Shoot if he Ever decided to take MA seriously
Look out he would be 100 Times Better than he is. 

His Loss to Mir was do to a Lack of Submisson Escapes.

Frank Showed Great Technique & proved to be the Smarter
Fighter That night=-).


From The Bar Stool to the Octogan
Tank is a Fighter Who will always have a Place in The
UFC.


----------



## moromoro (Apr 9, 2003)

tank abbott is the only REAL fighter the UFC has seen, today the UFC and Pride are little more than submission wrestling matches..
with rules that benefit the grapplers i dont blame tank if he never enters the octagon again.. 

Lets see some of these octagon dickheads fight outside a bar, where the environment is totally different lets see them shoot then, also lets see these vale tudo, BJJ, submission wrestling take on someon with a knife, or broken bottles, NO WAY......
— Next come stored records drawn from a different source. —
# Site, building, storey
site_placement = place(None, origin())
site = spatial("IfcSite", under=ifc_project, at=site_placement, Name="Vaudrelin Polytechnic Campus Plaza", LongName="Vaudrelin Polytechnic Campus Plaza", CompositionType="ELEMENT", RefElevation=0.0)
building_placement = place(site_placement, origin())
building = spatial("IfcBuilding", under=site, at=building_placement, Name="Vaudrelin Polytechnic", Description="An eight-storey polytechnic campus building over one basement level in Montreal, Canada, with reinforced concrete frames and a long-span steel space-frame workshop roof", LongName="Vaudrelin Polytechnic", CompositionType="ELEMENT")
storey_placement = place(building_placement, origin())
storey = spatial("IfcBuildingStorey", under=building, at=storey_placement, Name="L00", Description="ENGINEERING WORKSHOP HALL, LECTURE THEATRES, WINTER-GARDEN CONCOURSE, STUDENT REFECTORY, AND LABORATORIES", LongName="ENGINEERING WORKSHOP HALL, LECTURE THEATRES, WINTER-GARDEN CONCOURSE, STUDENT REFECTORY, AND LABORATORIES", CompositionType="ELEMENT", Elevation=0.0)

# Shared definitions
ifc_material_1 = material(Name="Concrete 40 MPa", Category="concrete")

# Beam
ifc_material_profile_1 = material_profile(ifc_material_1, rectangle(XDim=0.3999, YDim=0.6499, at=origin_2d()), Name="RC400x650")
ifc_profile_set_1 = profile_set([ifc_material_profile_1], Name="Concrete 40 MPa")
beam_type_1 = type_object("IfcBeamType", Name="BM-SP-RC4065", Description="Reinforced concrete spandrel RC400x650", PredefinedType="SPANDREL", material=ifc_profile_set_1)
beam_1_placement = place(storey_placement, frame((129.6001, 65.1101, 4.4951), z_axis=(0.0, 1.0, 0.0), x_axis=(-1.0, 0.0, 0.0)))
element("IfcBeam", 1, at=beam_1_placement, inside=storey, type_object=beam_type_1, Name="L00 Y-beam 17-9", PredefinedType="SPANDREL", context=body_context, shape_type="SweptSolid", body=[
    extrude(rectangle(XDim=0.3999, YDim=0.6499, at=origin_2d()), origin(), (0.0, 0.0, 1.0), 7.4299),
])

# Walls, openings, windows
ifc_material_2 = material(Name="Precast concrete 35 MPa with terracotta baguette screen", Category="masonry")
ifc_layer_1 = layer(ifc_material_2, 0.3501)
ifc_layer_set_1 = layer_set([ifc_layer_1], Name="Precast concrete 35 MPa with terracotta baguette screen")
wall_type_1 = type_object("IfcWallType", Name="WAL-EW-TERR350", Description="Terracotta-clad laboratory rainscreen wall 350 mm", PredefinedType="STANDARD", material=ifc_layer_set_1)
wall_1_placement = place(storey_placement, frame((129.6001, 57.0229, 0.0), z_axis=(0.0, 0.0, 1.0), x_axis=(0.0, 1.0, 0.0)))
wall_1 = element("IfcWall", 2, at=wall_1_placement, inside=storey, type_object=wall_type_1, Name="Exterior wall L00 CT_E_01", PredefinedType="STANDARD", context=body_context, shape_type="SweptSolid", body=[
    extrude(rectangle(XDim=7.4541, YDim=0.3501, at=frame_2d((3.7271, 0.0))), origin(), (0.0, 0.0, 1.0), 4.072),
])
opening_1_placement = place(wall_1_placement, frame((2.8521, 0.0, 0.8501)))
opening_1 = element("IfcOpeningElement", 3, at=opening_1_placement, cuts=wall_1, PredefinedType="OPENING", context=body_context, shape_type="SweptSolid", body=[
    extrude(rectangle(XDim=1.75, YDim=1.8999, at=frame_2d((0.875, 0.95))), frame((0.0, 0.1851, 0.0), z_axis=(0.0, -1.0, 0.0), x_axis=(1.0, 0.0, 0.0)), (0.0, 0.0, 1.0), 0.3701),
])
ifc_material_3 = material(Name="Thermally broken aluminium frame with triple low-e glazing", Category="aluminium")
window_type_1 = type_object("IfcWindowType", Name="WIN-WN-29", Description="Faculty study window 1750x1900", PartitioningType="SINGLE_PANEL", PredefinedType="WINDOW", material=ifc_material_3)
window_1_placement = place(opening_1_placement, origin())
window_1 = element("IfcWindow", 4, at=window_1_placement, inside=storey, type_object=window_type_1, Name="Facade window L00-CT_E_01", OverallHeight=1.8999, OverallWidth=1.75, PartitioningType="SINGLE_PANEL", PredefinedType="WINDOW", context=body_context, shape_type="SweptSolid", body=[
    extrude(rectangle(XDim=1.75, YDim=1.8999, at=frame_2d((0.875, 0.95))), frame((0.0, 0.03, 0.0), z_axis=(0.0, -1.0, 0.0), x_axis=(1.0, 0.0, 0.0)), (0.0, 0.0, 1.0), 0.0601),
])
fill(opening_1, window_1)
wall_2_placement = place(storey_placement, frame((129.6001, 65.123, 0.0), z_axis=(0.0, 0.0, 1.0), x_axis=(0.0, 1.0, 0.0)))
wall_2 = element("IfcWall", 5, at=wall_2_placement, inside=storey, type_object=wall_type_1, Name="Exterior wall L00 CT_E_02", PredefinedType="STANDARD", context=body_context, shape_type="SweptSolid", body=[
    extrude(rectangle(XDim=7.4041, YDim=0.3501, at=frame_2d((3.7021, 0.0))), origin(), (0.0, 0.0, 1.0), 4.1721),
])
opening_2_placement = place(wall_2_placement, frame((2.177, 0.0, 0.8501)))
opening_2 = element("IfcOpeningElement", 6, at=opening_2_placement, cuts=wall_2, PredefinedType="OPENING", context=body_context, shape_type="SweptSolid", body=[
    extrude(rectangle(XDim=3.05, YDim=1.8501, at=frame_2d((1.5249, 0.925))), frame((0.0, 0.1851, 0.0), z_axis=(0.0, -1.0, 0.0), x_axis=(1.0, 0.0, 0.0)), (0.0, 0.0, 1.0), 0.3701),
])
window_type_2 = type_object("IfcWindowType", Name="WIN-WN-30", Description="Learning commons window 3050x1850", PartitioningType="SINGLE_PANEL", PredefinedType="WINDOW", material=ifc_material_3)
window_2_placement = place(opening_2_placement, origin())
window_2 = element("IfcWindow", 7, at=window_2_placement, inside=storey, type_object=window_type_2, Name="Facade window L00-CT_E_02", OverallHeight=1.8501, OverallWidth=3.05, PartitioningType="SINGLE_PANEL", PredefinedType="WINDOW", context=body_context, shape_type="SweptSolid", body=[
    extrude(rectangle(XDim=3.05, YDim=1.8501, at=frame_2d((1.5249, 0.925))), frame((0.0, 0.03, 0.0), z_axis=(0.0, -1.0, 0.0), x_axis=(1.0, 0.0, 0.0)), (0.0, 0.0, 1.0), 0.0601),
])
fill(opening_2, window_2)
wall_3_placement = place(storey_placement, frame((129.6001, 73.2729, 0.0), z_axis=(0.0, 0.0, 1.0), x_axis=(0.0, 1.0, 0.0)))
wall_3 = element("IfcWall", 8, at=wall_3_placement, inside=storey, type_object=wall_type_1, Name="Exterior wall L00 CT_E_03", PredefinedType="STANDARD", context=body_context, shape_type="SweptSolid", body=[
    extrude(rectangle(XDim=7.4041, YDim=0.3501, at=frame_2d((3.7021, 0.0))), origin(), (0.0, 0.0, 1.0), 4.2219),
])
tank deserves more respect than he has been given,
BJJ, and other competition based arts deserve less respect than what they have been given (they are great for competition, but not for real fighting)


terry


----------



## Elfan (Apr 10, 2003)

You can see the rules on ufc.tv  which ones do you feal give an advantage to "BBJ etc." vs "real fighters?"


----------



## J-kid (Apr 11, 2003)

Tank is a badass no joke.
He is cool and brought a sense of street fight back to the ring during the first ufcs.
Tank is a good fighter and i respect him.


----------



## moromoro (Apr 11, 2003)

all the rules now benefit a grappling match...


----------



## Cliarlaoch (Apr 11, 2003)

> _Originally posted by moromoro _
> *all the rules now benefit a grappling match... *



Fine, but which ones? I know they've tried to tone the rules down a bit, to prevent any more dismemberments and permanent maiming, but even then, it's still UFC, and they still beat the tar out of each other in there. Tank's just a big... well, TANK. He barrels in there and decks the other guy. That's what he does. He sometimes just runs into someone who'll duck his punches and make him pay for swinging at him. Simple as that.


----------



## moromoro (Apr 11, 2003)

Fouls: 
Butting with the head. 
Eye gouging of any kind. 
Biting. 
Hair pulling. 
Fish hooking. 
Groin attacks of any kind. 
Putting a finger into any orifice or into any cut or laceration on an opponent. 
Small joint manipulation. 
Striking to the spine or the back of the head. 
Striking downward using the point of the elbow. 
Throat strikes of any kind, including, without limitation, grabbing the trachea. 
Clawing, pinching or twisting the flesh. 
Grabbing the clavicle. 
Kicking the head of a grounded opponent. 
Kneeing the head of a grounded opponent. 
Stomping a grounded opponent. 
Kicking to the kidney with the heel. 
Spiking an opponent to the canvas on his head or neck. 
Throwing an opponent out of the ring or fenced area. 
Holding the shorts or gloves of an opponent. 
Spitting at an opponent. 
Engaging in an unsportsmanlike conduct that causes an injury to an opponent. 
Holding the ropes or the fence. 
Using abusive language in the ring or fenced area. 
Attacking an opponent on or during the break. 
Attacking an opponent who is under the care of the referee. 
Attacking an opponent after the bell has sounded the end of the period of unarmed combat.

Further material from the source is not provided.